China’s National People’s Congress for 2024 and the market response again highlighted how far apart the views of China’s authorities and global investors are on both the current health of the economy and the way to achieve long-term prosperity.

China’s 2024 National People’s Congress met expectations with respect to key policy actions, but disappointed in terms of sentiment – market participants clearly hopeful the new year would bring a more aggressive policy style. As was the case throughout 2023, the market and China’s authorities currently have very different perspectives on the economy’s immediate health and the long-term path to prosperity, with authorities confidence in the dividend from trade and investment ex-housing intact but the market of the belief that housing must again take a leading role in China’s growth story.

According to the 2024 government work report delivered at the NPC, GDP growth of “around 5%” is expected to again be achieved in 2024 after a 5.2% gain in 2023. Year-over-year, direct support from the central government is little changed, 2024’s deficit target of 3.0% the same as 2023.

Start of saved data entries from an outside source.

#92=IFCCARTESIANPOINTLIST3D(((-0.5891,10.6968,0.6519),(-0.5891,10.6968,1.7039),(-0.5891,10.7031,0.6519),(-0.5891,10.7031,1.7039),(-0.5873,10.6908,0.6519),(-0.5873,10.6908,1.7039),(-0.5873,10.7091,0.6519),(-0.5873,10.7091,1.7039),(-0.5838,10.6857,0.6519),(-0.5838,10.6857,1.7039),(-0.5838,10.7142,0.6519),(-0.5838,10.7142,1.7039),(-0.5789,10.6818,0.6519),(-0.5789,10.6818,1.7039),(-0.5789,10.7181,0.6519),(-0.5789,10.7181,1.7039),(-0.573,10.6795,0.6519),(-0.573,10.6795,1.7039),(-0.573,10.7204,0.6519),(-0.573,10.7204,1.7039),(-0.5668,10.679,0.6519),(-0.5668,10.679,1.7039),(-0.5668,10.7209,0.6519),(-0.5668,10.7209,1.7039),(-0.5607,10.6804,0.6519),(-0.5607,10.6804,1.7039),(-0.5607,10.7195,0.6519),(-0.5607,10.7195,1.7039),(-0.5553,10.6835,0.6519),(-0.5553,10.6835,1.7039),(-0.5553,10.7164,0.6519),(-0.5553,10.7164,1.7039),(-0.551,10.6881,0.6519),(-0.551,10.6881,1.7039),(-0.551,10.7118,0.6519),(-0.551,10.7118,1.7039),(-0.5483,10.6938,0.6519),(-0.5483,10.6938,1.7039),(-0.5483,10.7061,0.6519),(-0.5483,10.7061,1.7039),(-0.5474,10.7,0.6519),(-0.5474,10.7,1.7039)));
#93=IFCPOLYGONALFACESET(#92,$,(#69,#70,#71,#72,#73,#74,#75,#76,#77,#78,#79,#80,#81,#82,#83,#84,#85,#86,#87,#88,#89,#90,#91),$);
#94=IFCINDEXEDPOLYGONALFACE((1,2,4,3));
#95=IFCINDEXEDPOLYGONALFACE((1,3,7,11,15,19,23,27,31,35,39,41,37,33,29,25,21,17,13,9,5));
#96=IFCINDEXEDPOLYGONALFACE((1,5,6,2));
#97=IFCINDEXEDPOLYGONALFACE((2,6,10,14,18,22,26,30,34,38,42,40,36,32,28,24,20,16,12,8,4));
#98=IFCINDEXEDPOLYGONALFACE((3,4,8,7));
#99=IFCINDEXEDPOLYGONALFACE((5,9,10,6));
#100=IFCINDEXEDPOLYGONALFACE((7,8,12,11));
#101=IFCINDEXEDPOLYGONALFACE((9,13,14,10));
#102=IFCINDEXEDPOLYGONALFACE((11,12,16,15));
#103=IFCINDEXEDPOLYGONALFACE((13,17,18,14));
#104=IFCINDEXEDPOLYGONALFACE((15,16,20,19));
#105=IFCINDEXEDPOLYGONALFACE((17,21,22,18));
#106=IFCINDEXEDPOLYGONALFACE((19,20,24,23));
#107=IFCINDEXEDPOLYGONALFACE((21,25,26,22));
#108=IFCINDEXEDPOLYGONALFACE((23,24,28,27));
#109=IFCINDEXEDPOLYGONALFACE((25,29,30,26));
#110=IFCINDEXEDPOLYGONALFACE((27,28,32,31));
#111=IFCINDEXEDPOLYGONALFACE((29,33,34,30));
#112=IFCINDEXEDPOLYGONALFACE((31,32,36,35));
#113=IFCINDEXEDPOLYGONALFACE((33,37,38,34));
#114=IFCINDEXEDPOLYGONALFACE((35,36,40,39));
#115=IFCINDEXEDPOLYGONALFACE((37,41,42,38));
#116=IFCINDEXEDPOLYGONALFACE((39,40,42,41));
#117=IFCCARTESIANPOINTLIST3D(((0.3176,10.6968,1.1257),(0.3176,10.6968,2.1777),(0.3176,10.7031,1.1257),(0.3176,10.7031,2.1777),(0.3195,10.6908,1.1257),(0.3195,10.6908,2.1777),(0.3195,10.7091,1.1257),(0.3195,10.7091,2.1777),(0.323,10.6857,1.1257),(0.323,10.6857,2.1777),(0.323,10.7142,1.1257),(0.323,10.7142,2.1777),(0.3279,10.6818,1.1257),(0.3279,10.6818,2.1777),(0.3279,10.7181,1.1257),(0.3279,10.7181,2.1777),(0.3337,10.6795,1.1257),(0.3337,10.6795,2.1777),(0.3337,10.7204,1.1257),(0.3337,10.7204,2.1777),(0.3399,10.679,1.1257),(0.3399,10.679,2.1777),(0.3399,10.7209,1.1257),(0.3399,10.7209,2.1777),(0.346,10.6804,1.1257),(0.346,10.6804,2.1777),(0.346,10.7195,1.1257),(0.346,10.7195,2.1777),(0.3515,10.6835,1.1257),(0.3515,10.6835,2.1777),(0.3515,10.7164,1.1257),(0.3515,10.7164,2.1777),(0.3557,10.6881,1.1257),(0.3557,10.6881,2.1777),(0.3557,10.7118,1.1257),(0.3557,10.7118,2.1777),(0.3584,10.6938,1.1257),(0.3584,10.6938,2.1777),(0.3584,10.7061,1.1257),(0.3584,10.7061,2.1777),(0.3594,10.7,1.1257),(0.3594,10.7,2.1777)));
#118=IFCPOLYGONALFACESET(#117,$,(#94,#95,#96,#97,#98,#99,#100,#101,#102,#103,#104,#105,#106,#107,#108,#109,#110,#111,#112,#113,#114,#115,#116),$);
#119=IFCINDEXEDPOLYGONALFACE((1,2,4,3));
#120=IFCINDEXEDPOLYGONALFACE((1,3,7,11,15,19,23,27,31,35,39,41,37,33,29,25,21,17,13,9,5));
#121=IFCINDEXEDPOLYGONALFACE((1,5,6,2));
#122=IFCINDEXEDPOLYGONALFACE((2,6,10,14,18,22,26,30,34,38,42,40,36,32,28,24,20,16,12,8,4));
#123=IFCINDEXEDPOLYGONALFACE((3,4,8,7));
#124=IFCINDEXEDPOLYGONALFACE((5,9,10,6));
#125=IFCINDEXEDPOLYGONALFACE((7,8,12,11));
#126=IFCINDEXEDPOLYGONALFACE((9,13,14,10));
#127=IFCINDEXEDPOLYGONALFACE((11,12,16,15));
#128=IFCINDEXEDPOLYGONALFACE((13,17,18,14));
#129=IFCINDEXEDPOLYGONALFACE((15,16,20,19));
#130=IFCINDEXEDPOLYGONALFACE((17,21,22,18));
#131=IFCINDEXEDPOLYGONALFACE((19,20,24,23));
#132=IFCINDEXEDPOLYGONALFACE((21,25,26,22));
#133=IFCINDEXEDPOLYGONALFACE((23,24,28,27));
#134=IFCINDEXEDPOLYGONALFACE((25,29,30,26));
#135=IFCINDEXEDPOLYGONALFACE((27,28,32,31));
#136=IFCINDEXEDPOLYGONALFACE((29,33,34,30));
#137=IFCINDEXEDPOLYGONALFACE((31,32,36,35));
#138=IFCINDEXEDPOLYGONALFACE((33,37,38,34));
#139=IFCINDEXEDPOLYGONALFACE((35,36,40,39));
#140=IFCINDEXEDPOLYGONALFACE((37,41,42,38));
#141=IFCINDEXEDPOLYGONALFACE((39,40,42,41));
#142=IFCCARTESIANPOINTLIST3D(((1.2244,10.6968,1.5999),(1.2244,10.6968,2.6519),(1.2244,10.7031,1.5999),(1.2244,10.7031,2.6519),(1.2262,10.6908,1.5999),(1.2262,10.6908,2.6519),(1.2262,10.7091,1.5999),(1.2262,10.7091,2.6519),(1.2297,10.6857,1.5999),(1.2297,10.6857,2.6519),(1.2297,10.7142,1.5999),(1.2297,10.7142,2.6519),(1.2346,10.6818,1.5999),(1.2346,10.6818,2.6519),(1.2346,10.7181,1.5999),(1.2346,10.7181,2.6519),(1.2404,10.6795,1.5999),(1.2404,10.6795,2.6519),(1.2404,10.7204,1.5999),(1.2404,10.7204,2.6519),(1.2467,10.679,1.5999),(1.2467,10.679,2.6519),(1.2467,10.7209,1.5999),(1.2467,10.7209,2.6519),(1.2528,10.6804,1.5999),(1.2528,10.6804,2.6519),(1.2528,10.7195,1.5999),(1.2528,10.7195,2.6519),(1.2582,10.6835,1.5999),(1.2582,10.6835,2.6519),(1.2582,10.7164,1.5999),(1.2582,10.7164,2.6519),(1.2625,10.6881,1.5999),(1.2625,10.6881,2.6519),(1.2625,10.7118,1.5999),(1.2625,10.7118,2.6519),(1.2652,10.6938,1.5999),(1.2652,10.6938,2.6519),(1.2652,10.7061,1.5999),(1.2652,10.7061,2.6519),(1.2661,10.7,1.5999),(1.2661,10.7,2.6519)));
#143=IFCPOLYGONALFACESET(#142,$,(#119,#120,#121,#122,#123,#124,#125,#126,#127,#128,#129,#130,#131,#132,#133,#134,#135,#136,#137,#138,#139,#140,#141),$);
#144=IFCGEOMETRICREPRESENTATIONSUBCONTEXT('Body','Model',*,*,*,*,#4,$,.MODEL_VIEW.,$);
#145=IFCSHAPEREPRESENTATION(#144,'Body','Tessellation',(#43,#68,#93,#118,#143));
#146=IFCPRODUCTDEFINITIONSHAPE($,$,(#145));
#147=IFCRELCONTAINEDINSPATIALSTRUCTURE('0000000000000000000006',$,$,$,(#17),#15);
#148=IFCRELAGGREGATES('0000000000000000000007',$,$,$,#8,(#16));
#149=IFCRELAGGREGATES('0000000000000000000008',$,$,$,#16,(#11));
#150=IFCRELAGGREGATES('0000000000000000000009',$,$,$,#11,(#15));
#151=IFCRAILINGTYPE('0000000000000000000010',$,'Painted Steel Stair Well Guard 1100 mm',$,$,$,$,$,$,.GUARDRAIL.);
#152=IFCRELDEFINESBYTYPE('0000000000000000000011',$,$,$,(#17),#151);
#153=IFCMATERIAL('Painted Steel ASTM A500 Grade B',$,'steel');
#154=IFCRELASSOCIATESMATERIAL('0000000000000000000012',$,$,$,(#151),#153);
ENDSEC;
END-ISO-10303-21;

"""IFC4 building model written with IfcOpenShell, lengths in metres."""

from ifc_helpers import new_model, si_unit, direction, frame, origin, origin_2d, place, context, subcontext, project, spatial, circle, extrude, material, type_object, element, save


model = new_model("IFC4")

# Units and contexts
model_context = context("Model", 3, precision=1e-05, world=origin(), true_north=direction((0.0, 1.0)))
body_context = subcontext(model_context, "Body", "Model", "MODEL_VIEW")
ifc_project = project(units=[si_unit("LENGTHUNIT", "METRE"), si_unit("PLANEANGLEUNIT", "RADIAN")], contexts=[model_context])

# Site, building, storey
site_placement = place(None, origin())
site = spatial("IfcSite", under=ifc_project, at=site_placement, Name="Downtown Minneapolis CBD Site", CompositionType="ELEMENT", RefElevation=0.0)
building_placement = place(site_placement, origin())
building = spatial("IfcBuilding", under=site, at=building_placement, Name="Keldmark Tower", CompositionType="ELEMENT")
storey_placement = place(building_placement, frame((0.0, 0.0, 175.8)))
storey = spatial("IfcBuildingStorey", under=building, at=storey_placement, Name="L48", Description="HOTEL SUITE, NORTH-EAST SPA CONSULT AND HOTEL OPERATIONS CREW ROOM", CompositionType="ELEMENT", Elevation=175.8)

October’s late revision of the 2023 deficit target to 3.8% will also support activity in 2024, as will an additional RMB1trn in sovereign special bonds – a stop-gap measure to sure-up infrastructure investment while local government funding through land sales is impaired. Still, there is no evidence of authorities believing their support for the economy must be dialled up.

Whereas the growth and fiscal targets are best considered hard targets, authorities 3.0% CPI projection is more a symbol of intent. What the target speaks to is a plan to bolster household employment and incomes through trade and investment and, in time, justify a sustained rebound in consumer perceptions of their family finances and wealth. In doing so, authorities will encourage the use of existing and new capacity and thereby create a supportive environment for profitability, wage growth and consequently domestic inflation.

For consumer views of family finances to fully heal however, further targeted support for housing construction is also necessary. While this began in 2023, 2024 must see a material expansion through additional funding and liquidity being made available for developers and local governments as well as clear direction from the Central Government that their reform process is complete.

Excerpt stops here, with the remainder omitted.